Desde esta perspectiva quizá nos será más fácil
pronunciarnos sobre la “injusticia” de la droga. Las visiones infernales que
relata Michaux ¿no son el equivalente de
las pruebas y tentaciones que han sufrido todos los ascetas de todas las
religiones? Si la droga provoca la aparición de imágenes horribles ¿no será
porque es un espejo que refleja no lo que aparentamos ser ante otros y ante
nosotros mismos sino lo que somos realmente? El efecto más inmediato de la
droga es aligerarnos del peso de la realidad. Por tanto, es imposible juzgar su
acción con las pesas y las medidas del mundo cotidiano. Pero la droga no nos
enfrenta a otro mundo: las visiones de Michaux no contradicen a sus poemas –los
confirman.
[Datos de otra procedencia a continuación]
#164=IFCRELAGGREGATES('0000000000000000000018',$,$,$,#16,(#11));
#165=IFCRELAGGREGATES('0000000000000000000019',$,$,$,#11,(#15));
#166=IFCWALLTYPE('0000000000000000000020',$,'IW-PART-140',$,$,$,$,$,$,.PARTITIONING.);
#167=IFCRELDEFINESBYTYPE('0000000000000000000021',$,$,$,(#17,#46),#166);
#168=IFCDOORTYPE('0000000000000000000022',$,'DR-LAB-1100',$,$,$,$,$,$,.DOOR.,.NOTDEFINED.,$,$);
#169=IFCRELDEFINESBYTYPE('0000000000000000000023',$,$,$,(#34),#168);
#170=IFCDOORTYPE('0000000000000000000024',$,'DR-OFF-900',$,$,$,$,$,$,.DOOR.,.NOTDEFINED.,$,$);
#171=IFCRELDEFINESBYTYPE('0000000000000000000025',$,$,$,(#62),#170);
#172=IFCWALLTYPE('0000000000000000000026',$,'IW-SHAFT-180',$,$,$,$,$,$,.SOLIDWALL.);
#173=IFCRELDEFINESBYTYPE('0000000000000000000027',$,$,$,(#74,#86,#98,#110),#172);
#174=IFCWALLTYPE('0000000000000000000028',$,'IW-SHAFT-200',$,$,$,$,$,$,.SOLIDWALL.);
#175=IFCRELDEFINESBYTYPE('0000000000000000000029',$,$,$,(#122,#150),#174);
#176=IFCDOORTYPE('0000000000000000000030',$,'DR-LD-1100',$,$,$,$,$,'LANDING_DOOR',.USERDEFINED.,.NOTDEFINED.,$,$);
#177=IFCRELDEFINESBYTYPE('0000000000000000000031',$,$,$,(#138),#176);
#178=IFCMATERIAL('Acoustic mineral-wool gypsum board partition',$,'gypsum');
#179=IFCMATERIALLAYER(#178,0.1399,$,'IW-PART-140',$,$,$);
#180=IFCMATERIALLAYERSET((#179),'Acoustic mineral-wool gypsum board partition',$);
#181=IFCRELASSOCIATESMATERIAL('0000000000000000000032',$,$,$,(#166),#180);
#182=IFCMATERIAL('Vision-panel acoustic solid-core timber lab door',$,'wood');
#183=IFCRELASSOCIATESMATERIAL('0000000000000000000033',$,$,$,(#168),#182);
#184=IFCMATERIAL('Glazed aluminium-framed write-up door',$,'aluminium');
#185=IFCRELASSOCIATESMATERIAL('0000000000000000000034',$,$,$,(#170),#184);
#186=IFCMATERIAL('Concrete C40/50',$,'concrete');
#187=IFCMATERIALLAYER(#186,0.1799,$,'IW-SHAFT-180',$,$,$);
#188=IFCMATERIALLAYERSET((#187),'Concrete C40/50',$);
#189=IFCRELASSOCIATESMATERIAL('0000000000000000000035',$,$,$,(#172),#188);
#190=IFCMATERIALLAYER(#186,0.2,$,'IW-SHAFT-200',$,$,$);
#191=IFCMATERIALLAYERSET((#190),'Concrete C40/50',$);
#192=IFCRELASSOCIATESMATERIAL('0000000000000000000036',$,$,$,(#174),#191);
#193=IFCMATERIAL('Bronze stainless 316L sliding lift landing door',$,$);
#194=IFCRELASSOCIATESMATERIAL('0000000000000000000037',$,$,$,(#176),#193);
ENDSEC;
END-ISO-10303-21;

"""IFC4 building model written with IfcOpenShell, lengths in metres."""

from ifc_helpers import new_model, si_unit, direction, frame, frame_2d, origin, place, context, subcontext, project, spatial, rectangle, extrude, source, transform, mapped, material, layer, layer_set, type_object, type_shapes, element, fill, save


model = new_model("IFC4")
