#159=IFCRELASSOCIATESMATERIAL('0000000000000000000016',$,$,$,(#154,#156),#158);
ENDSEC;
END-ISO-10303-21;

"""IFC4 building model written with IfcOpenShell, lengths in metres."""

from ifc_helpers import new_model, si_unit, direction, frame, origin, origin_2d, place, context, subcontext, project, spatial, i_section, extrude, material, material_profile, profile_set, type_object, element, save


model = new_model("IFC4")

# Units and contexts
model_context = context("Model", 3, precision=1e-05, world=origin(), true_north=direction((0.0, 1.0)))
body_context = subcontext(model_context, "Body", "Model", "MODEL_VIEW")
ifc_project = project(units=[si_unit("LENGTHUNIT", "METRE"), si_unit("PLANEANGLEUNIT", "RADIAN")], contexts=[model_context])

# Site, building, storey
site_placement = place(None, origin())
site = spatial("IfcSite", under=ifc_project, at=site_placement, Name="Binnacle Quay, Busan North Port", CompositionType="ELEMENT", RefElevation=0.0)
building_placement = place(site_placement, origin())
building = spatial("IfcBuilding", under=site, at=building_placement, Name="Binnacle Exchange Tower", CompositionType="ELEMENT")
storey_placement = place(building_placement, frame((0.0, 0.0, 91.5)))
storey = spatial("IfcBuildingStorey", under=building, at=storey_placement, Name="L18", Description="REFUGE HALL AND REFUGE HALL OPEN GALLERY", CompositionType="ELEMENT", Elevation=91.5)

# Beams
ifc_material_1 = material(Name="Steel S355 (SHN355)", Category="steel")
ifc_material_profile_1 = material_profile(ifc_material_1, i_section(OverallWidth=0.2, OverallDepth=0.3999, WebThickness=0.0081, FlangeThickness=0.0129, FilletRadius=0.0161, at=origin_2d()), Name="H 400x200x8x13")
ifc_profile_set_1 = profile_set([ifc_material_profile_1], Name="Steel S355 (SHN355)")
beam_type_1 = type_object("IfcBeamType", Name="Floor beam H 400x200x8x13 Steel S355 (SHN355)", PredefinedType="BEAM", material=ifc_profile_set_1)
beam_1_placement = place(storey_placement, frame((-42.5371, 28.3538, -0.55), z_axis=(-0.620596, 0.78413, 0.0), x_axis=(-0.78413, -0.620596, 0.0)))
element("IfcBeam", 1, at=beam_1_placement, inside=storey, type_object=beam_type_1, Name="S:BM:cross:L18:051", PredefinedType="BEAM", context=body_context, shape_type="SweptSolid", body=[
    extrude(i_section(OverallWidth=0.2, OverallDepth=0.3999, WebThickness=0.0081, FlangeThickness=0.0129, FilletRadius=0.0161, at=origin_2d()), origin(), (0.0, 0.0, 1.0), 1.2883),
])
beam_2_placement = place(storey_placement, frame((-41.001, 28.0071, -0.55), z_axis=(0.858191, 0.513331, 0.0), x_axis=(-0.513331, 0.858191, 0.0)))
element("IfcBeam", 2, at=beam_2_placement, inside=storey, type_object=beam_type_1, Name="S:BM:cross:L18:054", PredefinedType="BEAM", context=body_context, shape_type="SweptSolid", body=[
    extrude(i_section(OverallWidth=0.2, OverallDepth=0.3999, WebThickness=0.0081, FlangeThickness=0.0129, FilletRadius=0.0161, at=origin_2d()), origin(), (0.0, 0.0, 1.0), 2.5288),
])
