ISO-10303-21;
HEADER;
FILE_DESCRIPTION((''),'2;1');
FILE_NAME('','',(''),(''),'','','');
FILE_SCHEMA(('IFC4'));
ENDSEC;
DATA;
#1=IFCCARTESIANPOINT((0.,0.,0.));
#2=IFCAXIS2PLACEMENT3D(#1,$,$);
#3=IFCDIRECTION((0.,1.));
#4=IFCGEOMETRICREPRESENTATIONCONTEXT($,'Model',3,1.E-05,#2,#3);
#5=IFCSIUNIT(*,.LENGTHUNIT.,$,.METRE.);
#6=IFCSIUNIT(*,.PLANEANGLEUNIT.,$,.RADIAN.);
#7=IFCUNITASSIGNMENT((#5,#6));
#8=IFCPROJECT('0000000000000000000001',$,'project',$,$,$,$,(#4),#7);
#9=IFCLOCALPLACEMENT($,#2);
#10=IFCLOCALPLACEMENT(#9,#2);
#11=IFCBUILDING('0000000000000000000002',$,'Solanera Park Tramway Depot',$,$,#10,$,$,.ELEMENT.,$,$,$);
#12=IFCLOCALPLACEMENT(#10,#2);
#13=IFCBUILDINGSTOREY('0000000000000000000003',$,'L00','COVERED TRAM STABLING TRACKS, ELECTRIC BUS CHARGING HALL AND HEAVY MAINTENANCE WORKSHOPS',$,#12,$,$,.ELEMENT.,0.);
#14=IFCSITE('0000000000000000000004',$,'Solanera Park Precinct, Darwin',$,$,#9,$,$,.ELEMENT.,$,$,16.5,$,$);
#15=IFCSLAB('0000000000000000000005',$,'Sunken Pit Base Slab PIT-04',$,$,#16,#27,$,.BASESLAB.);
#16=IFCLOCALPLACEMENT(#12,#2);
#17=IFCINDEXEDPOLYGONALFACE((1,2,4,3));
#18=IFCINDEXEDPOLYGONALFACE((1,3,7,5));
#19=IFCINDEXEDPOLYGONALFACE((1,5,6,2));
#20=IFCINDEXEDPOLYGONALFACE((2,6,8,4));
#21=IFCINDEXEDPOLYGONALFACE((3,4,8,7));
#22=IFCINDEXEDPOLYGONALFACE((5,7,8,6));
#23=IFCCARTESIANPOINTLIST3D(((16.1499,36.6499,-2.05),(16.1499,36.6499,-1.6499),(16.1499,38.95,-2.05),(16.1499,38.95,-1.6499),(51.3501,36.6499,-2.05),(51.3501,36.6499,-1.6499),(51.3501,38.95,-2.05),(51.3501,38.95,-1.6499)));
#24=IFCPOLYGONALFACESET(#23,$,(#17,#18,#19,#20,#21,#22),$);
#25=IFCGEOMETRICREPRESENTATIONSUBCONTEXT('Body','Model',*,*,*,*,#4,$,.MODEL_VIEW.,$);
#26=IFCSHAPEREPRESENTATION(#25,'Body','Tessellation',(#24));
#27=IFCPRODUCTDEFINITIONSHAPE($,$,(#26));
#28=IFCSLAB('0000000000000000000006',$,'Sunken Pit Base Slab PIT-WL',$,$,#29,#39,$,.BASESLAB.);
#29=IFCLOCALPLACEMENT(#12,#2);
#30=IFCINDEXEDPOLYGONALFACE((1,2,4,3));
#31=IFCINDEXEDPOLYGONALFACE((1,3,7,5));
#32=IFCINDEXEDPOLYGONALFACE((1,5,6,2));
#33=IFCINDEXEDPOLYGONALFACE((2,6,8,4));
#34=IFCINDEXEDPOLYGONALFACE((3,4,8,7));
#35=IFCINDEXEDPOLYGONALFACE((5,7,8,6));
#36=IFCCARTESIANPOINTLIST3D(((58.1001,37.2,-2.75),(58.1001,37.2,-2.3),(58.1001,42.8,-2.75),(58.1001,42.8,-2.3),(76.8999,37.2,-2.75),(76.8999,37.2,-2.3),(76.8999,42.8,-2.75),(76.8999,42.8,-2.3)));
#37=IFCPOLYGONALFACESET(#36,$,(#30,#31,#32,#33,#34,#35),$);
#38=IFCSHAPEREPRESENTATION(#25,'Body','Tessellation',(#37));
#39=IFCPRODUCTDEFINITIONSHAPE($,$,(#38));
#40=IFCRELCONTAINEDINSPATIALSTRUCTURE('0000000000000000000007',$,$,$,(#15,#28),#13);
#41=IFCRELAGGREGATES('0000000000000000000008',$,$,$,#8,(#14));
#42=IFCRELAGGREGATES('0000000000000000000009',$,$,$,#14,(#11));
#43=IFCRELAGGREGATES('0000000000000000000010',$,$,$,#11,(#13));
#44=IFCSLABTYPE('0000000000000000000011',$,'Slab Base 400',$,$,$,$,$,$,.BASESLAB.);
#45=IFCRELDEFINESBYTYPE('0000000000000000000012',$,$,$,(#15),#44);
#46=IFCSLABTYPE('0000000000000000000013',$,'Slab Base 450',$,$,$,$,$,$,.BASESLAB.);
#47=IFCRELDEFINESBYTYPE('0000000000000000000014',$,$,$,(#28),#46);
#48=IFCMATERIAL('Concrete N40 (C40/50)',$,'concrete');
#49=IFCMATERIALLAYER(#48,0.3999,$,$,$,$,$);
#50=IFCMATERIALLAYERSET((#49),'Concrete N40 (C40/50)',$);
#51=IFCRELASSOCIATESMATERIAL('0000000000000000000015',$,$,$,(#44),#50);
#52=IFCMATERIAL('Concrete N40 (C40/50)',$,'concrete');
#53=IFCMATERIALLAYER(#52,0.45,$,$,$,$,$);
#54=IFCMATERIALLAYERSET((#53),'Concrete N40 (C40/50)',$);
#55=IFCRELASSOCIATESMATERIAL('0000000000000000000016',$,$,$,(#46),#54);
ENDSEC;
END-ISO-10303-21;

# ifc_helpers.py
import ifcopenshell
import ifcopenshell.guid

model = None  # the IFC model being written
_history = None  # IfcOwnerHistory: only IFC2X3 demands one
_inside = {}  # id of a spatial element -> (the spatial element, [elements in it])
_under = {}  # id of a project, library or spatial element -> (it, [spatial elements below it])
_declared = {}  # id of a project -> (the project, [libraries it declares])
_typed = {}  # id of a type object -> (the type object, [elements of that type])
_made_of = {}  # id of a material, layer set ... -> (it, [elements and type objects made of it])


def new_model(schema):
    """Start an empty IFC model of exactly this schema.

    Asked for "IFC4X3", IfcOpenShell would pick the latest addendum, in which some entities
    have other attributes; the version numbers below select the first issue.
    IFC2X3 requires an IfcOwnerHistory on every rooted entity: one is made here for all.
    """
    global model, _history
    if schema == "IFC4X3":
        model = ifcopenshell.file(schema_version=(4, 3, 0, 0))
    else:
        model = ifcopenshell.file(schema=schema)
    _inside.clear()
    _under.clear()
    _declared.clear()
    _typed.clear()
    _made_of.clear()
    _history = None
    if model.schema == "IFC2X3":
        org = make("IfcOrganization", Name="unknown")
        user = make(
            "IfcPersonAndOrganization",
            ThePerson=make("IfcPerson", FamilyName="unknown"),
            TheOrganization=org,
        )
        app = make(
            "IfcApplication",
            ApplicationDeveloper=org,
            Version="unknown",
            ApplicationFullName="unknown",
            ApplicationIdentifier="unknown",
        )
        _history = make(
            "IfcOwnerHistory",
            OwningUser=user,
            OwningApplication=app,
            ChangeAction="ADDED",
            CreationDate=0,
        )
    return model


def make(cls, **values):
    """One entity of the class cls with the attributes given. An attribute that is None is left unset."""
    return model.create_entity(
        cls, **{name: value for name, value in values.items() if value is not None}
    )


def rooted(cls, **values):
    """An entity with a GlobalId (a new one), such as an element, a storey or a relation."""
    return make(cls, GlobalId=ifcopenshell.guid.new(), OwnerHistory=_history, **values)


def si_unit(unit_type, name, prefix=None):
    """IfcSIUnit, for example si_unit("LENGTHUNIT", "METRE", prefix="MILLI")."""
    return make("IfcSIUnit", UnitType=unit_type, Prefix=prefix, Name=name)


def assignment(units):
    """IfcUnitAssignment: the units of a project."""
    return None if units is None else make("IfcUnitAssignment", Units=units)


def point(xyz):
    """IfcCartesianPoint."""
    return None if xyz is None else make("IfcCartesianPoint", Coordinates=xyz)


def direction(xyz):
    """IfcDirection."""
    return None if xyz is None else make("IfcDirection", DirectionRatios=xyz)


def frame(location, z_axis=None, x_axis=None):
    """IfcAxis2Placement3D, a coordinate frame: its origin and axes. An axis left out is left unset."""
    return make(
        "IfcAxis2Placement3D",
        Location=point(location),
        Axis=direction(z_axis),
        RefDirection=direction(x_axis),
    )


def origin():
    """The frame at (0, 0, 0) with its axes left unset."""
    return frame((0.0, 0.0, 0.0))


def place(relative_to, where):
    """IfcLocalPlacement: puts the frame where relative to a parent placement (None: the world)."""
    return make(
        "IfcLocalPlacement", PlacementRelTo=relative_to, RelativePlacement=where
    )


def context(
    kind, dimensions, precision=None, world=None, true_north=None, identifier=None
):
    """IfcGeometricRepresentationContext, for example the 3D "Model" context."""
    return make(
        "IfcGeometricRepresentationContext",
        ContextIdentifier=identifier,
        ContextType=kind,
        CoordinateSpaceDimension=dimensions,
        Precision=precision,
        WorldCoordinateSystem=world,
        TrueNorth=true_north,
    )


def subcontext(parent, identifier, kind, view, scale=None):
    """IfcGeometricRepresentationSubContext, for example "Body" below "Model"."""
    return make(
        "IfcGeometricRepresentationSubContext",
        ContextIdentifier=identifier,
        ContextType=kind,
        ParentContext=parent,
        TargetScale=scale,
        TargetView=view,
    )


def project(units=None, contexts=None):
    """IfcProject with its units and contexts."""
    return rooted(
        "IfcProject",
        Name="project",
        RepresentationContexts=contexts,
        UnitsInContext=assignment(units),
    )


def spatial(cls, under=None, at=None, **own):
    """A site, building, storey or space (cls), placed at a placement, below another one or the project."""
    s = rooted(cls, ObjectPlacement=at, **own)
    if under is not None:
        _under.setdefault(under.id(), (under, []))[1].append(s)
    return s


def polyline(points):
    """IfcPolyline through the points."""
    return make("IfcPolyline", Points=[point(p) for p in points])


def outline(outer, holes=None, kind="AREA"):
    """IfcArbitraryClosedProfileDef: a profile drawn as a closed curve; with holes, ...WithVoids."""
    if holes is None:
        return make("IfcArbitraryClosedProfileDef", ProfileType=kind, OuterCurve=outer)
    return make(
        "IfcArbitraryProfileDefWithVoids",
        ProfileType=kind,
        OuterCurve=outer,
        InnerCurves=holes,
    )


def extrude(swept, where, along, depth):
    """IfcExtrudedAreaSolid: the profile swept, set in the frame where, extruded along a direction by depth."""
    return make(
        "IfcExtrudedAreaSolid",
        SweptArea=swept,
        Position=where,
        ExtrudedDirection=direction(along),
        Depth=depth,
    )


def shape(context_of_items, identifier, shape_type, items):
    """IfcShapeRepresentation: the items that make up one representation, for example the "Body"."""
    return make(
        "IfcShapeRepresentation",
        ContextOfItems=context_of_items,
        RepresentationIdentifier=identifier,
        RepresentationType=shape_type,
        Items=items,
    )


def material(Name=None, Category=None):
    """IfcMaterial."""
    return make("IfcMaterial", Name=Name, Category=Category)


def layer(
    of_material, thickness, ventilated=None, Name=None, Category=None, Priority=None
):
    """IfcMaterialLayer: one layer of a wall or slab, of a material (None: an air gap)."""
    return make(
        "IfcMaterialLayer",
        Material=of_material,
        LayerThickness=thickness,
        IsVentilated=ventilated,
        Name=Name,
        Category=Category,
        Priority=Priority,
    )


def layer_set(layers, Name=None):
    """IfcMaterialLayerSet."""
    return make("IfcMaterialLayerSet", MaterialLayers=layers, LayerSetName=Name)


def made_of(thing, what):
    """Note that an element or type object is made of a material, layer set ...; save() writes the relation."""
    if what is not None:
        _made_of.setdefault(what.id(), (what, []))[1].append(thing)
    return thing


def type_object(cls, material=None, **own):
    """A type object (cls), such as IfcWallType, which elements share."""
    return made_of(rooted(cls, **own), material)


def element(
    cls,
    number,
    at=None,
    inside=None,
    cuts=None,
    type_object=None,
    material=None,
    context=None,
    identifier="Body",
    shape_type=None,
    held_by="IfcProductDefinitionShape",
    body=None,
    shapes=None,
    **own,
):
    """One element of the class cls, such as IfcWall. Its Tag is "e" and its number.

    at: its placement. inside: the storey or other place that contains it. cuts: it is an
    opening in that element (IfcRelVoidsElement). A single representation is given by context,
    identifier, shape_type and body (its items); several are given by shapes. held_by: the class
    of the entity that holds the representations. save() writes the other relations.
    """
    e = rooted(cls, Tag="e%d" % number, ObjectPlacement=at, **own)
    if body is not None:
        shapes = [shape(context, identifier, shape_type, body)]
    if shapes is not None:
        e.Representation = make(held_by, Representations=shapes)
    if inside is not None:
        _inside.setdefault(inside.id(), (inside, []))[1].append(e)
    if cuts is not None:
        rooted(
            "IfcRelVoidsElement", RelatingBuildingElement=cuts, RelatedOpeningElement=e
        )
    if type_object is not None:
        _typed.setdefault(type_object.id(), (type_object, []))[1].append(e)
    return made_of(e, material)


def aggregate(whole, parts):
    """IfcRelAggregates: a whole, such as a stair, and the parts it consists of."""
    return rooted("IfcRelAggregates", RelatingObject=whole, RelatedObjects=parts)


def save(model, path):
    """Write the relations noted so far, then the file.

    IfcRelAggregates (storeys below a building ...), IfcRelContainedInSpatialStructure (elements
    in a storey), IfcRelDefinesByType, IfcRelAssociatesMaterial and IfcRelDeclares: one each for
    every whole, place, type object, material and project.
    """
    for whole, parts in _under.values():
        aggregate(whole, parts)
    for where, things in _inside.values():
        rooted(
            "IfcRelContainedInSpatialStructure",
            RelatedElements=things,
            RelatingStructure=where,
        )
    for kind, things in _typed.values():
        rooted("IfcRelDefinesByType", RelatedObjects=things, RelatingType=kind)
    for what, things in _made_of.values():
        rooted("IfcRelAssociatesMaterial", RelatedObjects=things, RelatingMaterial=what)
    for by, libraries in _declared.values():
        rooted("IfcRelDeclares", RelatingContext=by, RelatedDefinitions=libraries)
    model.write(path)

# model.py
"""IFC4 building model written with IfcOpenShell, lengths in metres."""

from ifc_helpers import new_model, si_unit, direction, frame, origin, place, context, subcontext, project, spatial, polyline, outline, extrude, material, layer, layer_set, type_object, element, save


model = new_model("IFC4")

# Units and contexts
model_context = context("Model", 3, precision=1e-05, world=origin(), true_north=direction((0.0, 1.0)))
body_context = subcontext(model_context, "Body", "Model", "MODEL_VIEW")
ifc_project = project(units=[si_unit("LENGTHUNIT", "METRE"), si_unit("PLANEANGLEUNIT", "RADIAN")], contexts=[model_context])

# Site, building, storey
site_placement = place(None, origin())
site = spatial("IfcSite", under=ifc_project, at=site_placement, Name="Solanera Park Precinct, Darwin", CompositionType="ELEMENT", RefElevation=16.5)
building_placement = place(site_placement, origin())
building = spatial("IfcBuilding", under=site, at=building_placement, Name="Solanera Park Tramway Depot", CompositionType="ELEMENT")
storey_placement = place(building_placement, origin())
storey = spatial("IfcBuildingStorey", under=building, at=storey_placement, Name="L00", Description="COVERED TRAM STABLING TRACKS, ELECTRIC BUS CHARGING HALL AND HEAVY MAINTENANCE WORKSHOPS", CompositionType="ELEMENT", Elevation=0.0)

# Slabs
ifc_material_1 = material(Name="Concrete N40 (C40/50)", Category="concrete")
ifc_layer_1 = layer(ifc_material_1, 0.3999)
ifc_layer_set_1 = layer_set([ifc_layer_1], Name="Concrete N40 (C40/50)")
slab_type_1 = type_object("IfcSlabType", Name="Slab Base 400", PredefinedType="BASESLAB", material=ifc_layer_set_1)
slab_1_placement = place(storey_placement, frame((0.0, 0.0, -2.05)))
element("IfcSlab", 1, at=slab_1_placement, inside=storey, type_object=slab_type_1, Name="Sunken Pit Base Slab PIT-04", PredefinedType="BASESLAB", context=body_context, shape_type="SweptSolid", body=[
    extrude(outline(polyline([(51.3501, 36.6499), (51.3501, 38.95), (16.1499, 38.95), (16.1499, 36.6499), (51.3501, 36.6499)])), origin(), (0.0, 0.0, 1.0), 0.4001),
])
ifc_material_2 = material(Name="Concrete N40 (C40/50)", Category="concrete")
ifc_layer_2 = layer(ifc_material_2, 0.45)
ifc_layer_set_2 = layer_set([ifc_layer_2], Name="Concrete N40 (C40/50)")
slab_type_2 = type_object("IfcSlabType", Name="Slab Base 450", PredefinedType="BASESLAB", material=ifc_layer_set_2)
slab_2_placement = place(storey_placement, frame((0.0, 0.0, -2.75)))
element("IfcSlab", 2, at=slab_2_placement, inside=storey, type_object=slab_type_2, Name="Sunken Pit Base Slab PIT-WL", PredefinedType="BASESLAB", context=body_context, shape_type="SweptSolid", body=[
    extrude(outline(polyline([(76.8999, 37.2), (76.8999, 42.8), (58.1001, 42.8), (58.1001, 37.2), (76.8999, 37.2)])), origin(), (0.0, 0.0, 1.0), 0.45),
])

save(model, "model.ifc")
Sólo que el “yo mismo” que nos presenta la droga –como el de la
poesía y el erotismo- es un desconocido y su aparición es semejante al de la resurrección
de alguien que habíamos enterrado hace mucho. El enterrado está vivo y su
regreso nos aterra. Al droga nos introduce en un afuera que es una adentro.:
habitamos un yo que no tiene identidad no nombre, vivimos en un allá que es un
acá, dentro de algo que somos y no somos. Nuestros actos tienen otra
consistencia, otra lógica y otra gravedad. Los “méritos” y las “faltas” son
otros y otra balanza que los pesa. Cambio de signo, el más se vuelve menos, el
frío es calor, la exaltación en beatitud, calma y movimiento son lo mismo. Los valores
morales no escapan a esta metamorfosis. Las visiones de virtud, bondad,
rectitud y otras semejantes adquieren un significado diverso y aún contrario al
que tienen en el mundo de las duras relaciones entre los hombres. Las palabras
mérito, premio, ventaja, honor, provecho, interés y otras análogas, heridas de
muerte, se desangran y, literalmente, se volatilizan. Pérdida de la gravedad:
las virtudes verdaderas son de poco peso y se llaman abandono, desapego,
confianza, entrega, desnudez. Lo que cuenta no es el valer sino el valor para
internarse en lo desconocido. Desvalimiento: desasimiento. Ligereza:
desinterés, desprendimiento. Fuera del “deber ser”, el hombre contempla a su
ser. En esta constelación la palabra central es, quizá, inocencia: la “pureza
del corazón” de los cristianos primitivos, el “pedazo de madera sin pulir” de
los taoístas. Desaparición del yo y del nombre, no pérdida del ser. Aparición de
otra realidad, reaparición del ser. Lección de moral: la experiencia nos
enfrenta al misterio que es cada hombre y revela la vanidad de nuestros
juicios. El mundo de los jueces es el de la iniquidad. Sí, el asesino puede
tener sueños de ángel. Cada uno tiene el infinito que se merece. Pero ese
mérito no se mide con nuestras medidas.